# Most saught after plants.



## CharlesT0271 (Jan 24, 2017)

I'm really really curious what everyone around here considers to be difficult plants to keep and difficult to find. I am completely obsessed with growing plants. More so than keeping frogs fish or any fauna. I love mosses fissidens all of it. What does everyone here have to get they're hands on?


----------



## Krakkin (Jul 1, 2013)

I'm sure this one is common and I'm just looking in the wrong places, but I've been trying to find pilea involucrata "moon valley". One of the coolest foliage plants I have seen and I can't seem to find it anywhere despite supposedly being so easy to propagate.


----------



## Dane (Aug 19, 2004)

A few that come to my mind would be Ficus villosa, Vrisea racinae crispa, shingling Monsteras, and any number of miniature new world orchids.


----------



## Damon Ryan (Nov 13, 2015)

Marcgravia is my holy grail.

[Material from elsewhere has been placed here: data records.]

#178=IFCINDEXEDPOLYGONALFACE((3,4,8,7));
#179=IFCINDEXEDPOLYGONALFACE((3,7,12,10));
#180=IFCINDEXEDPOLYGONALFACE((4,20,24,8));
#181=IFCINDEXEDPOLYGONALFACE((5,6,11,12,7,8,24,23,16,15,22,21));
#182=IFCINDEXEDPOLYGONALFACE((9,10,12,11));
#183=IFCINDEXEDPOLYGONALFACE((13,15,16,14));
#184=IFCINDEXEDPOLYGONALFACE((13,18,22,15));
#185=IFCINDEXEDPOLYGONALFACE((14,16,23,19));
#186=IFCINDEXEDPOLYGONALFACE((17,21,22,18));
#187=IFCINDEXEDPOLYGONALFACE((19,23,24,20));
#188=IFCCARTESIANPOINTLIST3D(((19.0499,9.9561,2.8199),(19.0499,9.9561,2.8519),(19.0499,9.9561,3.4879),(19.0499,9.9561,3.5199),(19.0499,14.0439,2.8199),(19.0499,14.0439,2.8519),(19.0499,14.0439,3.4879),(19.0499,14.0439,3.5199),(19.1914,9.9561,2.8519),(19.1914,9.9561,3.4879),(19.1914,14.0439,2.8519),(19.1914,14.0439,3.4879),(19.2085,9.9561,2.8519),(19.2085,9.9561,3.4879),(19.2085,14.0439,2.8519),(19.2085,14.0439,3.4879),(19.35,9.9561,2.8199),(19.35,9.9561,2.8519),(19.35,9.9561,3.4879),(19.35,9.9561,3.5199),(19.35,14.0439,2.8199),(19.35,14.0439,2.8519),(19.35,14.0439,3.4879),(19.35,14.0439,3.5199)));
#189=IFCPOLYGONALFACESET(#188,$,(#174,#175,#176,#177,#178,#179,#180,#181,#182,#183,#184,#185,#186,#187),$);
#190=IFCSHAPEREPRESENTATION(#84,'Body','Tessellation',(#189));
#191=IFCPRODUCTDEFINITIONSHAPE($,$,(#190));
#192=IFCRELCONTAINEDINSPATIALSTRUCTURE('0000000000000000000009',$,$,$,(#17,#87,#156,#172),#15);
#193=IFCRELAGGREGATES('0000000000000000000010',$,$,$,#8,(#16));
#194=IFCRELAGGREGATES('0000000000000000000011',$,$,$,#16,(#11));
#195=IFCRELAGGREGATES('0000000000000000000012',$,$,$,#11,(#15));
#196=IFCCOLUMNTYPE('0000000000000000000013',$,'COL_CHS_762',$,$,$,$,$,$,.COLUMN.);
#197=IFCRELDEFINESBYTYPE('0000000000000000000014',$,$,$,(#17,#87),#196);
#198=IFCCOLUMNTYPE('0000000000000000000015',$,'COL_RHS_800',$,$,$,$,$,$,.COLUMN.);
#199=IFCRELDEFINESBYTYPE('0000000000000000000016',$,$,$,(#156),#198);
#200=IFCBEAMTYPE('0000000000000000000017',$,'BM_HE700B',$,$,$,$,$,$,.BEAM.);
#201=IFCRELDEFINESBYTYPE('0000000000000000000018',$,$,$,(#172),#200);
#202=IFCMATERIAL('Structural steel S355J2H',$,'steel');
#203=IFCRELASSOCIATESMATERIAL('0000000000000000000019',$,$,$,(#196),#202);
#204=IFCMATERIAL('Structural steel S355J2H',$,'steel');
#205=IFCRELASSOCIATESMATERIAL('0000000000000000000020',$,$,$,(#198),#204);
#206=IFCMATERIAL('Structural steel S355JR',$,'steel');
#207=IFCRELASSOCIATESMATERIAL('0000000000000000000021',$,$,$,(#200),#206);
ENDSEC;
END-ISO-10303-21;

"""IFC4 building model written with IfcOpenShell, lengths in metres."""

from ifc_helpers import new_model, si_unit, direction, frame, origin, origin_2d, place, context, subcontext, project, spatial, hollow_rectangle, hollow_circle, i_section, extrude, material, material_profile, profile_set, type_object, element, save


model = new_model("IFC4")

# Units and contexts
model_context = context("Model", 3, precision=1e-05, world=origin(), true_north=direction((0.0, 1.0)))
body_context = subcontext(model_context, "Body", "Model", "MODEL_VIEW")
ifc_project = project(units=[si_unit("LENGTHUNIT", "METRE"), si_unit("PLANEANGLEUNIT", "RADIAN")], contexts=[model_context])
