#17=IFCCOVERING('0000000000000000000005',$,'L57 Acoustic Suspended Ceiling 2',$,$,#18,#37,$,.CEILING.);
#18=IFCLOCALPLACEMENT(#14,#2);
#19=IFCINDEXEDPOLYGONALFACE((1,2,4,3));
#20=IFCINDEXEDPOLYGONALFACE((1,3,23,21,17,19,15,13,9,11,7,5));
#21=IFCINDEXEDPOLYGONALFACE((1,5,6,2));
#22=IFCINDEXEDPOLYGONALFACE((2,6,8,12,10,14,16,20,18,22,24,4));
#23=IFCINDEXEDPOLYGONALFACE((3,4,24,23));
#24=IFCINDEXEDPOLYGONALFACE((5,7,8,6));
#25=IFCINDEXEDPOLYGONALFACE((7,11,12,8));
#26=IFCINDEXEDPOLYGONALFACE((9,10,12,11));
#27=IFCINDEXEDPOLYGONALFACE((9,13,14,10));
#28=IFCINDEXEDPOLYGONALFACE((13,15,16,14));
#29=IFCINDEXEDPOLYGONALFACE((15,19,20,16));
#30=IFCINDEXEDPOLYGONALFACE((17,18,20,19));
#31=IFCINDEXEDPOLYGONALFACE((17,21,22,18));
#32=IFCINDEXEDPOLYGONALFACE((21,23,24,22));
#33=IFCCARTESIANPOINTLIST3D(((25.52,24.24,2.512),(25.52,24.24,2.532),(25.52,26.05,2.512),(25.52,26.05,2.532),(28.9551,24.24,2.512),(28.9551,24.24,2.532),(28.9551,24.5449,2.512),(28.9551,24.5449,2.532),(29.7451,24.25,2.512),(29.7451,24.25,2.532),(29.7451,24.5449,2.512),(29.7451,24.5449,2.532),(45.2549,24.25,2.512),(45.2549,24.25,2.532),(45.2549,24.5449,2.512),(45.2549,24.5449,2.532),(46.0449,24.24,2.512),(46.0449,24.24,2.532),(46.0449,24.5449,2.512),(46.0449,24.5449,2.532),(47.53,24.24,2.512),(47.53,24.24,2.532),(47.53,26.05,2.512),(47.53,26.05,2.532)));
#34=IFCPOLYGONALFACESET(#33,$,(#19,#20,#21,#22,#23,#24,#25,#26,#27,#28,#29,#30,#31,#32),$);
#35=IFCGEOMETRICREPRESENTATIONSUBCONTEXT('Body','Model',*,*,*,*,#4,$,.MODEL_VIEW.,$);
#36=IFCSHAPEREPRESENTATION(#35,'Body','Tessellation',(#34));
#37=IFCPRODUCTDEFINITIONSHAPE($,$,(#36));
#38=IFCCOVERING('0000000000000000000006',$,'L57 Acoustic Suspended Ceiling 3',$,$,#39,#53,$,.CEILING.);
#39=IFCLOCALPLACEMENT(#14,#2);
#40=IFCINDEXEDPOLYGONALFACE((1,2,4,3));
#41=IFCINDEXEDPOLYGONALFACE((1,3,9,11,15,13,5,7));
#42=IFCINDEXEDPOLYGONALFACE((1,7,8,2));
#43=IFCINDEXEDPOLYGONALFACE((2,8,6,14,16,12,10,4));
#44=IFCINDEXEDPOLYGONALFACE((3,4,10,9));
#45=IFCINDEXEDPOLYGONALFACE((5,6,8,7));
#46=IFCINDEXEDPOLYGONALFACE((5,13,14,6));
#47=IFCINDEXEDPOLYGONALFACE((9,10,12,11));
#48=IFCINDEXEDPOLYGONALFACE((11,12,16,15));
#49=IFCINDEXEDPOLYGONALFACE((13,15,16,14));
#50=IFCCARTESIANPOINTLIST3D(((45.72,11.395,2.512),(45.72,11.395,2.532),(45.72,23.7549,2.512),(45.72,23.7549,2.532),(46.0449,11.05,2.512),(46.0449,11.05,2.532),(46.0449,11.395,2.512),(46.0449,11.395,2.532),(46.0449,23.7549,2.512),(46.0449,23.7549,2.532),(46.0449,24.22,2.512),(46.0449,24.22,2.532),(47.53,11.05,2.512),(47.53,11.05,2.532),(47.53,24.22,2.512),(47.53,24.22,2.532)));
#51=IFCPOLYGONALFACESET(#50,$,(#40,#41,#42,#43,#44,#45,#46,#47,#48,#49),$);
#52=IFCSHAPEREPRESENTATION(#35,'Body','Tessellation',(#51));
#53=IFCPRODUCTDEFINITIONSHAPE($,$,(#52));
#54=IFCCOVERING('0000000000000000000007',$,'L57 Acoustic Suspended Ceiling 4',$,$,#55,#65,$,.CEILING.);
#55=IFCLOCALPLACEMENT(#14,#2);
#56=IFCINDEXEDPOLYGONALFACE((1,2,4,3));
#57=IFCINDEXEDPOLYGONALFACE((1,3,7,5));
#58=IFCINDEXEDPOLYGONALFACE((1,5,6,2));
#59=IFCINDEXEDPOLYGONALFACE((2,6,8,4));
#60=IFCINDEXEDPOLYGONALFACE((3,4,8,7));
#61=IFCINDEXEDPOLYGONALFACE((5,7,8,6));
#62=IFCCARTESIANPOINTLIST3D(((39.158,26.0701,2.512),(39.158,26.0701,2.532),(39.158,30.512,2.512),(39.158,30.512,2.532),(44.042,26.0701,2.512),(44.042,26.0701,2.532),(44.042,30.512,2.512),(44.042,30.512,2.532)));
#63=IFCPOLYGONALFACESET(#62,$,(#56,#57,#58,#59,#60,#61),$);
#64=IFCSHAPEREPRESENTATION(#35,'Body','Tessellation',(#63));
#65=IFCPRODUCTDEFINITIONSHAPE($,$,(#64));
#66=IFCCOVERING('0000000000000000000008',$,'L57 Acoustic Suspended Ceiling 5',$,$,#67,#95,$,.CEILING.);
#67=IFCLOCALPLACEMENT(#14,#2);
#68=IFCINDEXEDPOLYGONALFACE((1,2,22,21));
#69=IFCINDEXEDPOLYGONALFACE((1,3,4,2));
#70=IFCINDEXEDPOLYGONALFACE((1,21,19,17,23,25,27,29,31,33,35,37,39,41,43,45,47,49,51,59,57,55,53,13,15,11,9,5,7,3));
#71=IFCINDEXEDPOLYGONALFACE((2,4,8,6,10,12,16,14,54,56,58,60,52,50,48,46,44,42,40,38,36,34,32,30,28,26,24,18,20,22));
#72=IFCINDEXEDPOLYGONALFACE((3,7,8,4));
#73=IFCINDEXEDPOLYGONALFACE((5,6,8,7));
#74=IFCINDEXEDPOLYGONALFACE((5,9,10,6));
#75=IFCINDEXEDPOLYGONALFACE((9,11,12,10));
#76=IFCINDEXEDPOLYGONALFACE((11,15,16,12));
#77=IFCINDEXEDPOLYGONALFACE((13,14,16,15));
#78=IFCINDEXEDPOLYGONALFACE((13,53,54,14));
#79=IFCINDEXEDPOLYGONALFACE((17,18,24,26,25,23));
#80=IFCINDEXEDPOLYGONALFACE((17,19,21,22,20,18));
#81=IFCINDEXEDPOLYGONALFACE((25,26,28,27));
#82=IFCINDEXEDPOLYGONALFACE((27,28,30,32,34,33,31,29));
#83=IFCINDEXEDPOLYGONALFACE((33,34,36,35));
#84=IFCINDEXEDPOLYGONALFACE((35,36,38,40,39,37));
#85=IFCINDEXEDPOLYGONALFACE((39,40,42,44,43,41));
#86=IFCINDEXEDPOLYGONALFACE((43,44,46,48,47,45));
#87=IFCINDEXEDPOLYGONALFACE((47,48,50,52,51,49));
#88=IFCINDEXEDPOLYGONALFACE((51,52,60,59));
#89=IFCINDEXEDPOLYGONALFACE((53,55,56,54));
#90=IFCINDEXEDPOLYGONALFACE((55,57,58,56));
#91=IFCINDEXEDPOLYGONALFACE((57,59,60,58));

And mini palm tree like plants (Biophytum). I'm obsessed with different mosses as well. Rare broms too. Finally got my hands on a neoregelia mosquito that I've been searching for a year or so. There are different morphs out there but I wanted the one that had the coloration of the one used in Justin Grimms 150 gallon peninsula. (Which I plan on remastering in the future, just a little teaser). Here's a pic of the brom. Sweet huh?










Sent from my iPhone using Tapatalk


----------



## CharlesT0271 (Jan 24, 2017)

Krakkin said:


> I'm sure this one is common and I'm just looking in the wrong places, but I've been trying to find pilea involucrata "moon valley". One of the coolest foliage plants I have seen and I can't seem to find it anywhere despite supposedly being so easy to propagate.


I have it. 10 dollars per leaf. Jk

Here you go. 
Catalog - Moon Valley Pilea


----------



## CharlesT0271 (Jan 24, 2017)

Varigated is always nice and saught after. I was wondering if anyone has used bucephalandra in any setups. 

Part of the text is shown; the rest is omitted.